Home Ureteropelvic Junction Obstuction (UPJ)
Ureteropelvic Junction Obstruction (UPJ) PDF E-mail

One in 1,500 children are born with a urinary tract blockage call Ureteropelvic Junction Obstruction or UPJ. This congenital obstruction occurs where the ureter joins the renal pelvis. This malformation of a muscle develops as the kidney forms in the fetus. It can be commonly diagnosed with a prenatal ultrasound test.

 

The obstruction blocks adequate flow of urine produced by the kidney to pass from the renal pelvis into the ureter. The excess urine builds up in the kidney and causes a hydronephrosis which is visible on the ultrasound. This observation is the red flag that the child has a UPJ obstruction. This obstruction may be severe (high grade), minimal (low grade) or intermittent.

 

Unless treated, children may have pain (related to the blockage), urinary tract infection (due to stagnation of urine caused by the UPJ blockage), or kidney stones. The kidney may become damaged if subjected to prolonged blockage and infection.

 

Most UPJ obstructions are identified before birth because of the widespread use of fetal ultrasound screening. After birth, symptoms of UPJ obstruction may be an abdominal mass, a urinary tract infection with fever, flank pain especially with increased fluid intake, kidney stones and bloody urine. It is possible to have pain without an infection. UPJ obstructions may be irregular. Urine may pass normally for awhile and then completely stop, producing sporadic pain.

 

An ultrasound is helpful in screening for problems, it does not diagnose UPJ.  A test called a lasix (furosemide) renal scan is used. With this nuclear test, dye is injected and absorbed, and once the diuretic is given, scans are used to view passage of the dye.  The material is viewed with a special camera as it passes though the kidney to the ureter and gives the physician even more accuracy in diagnosing a UPJ.

 

Suregery (pyeloplasty) involves removing the UPJ blockage and reconnecting the ureter to the renal pelvis. A tube may be placed across the pyeloplasty (stent) or may be left above the surgery to decompress the kidney (nephrostomy).

 

 

Sometimes the UPJ in infants and young children less than 18 months may be temporary. Many infants with good kidney function and poor drainage will have a dramatic improvement of drainage over the first few months of life.
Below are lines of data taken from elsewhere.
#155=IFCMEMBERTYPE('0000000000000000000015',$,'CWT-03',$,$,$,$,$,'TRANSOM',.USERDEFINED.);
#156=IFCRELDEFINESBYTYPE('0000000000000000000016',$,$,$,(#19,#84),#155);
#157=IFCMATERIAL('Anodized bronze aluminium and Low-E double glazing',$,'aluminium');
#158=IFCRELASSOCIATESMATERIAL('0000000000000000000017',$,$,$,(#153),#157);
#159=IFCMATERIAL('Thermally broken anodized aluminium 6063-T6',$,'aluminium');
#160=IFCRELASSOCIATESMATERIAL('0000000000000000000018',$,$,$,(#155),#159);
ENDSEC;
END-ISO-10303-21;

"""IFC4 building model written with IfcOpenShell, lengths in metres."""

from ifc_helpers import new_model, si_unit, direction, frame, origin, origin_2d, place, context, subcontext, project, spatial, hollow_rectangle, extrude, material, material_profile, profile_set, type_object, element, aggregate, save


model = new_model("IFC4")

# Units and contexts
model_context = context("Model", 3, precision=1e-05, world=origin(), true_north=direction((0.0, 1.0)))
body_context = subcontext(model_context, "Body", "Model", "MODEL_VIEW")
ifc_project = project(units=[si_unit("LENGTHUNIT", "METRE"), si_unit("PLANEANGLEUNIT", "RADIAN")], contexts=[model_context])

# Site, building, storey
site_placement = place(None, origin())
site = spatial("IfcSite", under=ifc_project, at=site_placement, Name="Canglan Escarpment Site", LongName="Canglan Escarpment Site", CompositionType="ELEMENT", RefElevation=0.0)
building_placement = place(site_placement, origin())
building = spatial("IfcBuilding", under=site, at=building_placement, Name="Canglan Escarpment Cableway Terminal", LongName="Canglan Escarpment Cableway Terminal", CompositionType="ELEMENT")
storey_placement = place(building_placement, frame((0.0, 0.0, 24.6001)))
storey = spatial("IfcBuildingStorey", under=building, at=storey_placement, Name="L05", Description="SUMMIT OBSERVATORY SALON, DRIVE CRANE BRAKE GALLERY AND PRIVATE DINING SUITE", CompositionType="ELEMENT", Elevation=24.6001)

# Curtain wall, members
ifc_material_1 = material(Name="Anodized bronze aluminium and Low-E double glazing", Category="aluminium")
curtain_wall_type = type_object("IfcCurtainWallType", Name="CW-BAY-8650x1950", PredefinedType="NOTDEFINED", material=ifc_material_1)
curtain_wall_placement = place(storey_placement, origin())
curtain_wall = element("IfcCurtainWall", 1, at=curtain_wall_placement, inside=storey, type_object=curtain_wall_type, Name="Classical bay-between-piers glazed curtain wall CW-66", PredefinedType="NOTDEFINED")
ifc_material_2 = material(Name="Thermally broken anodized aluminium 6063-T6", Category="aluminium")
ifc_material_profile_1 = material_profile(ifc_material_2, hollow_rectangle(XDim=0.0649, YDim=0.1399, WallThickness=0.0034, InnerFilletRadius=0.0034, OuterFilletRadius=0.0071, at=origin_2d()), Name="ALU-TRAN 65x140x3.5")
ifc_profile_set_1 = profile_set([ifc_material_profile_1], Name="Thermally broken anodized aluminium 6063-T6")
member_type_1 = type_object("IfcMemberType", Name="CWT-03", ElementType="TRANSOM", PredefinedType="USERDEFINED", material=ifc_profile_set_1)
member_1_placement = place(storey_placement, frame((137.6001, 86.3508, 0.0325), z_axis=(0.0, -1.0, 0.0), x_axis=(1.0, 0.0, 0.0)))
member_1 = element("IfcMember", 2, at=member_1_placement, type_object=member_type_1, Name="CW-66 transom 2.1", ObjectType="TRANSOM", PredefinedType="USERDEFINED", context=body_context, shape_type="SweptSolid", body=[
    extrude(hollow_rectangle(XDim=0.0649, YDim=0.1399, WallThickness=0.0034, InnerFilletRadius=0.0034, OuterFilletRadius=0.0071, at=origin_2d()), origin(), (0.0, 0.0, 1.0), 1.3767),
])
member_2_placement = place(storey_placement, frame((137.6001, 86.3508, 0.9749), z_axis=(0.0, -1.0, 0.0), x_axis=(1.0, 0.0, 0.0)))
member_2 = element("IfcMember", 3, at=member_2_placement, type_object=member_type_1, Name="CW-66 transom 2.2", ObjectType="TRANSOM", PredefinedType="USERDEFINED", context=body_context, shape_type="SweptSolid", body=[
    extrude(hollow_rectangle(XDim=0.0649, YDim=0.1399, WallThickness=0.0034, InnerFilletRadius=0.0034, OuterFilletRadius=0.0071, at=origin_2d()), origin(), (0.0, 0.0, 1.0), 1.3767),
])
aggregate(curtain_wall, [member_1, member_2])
Others may not improve or worsen. Because there is a chance of improved drainage without surgery, some infancts with hydronephrosis (fluid-filled enlargement of the kidney) are watched with repeat ultrasounds and office visits. Once the diagnosis of UPJ obstruction is established and after 18 months of age, if there is no further reasonable chance of improvement, the condition requires surgical treatment.

 

The surgery lasts a couple of hours and has a success rate in excess of 95 percent. Post-surgical hospitalization may be required. The incision on the patient is two to three inches long just below the ribs and behind a line that would pass from the patient's arm to their leg on the affected side.

 

Newer treatment of UPJ obstruction involves minimally invasive surgery. There are two options, a laparoscopic pyeloplasty and an internal incision of the UPJ. Laparoscopic surgery is done by placing several instruments through the abdominal wall and performing the surgical procedure. This procedure is most often done through the abdominal cavity and has the disadvantage of potentially causing scarring or adhesions within the abdomen. Surgeons also cannot use techniques that are as delicate in a laparoscopic as in an open procedure. The clear advantages of laparoscopic surgery are less pain and nausea especially in older children and adults. Success rates of laparoscopic pyeloplasty are just being determined but will eventually approach the effectiveness of open surgery with time. The second option is to insert a wire through the ureter and use it to cut the tight and narrow UPJ from the inside. A special ureteral drain is left in place for several weeks and then removed. The UPJ heals in a more open manner in most patients but the treatment may need to be repeated and success rates are clearly less than those of open surgery. The advantages of this procedure are less pain and nausea.

 

 

After surgery, there is usually swelling of the ureter and continued poor drainage of the kidney for awhile. A functional test is performed a few weeks after the procedure, to evaluate how well the kidney is working. Patients usually recover quickly but some have pain for a few days. A drainage tube may be left in place to help drain the kidney while it heals.

 

The appearance of the kidney improves over the years, but usually it never looks normal on ultrasound or other studies. A UPJ obstruction almost never recurs. Patients may have a slightly increased risk of developing stones and infection throughout their lives. A child should be monitored for several years after a UPJ surgery to evaluate kidney function and any potential infection.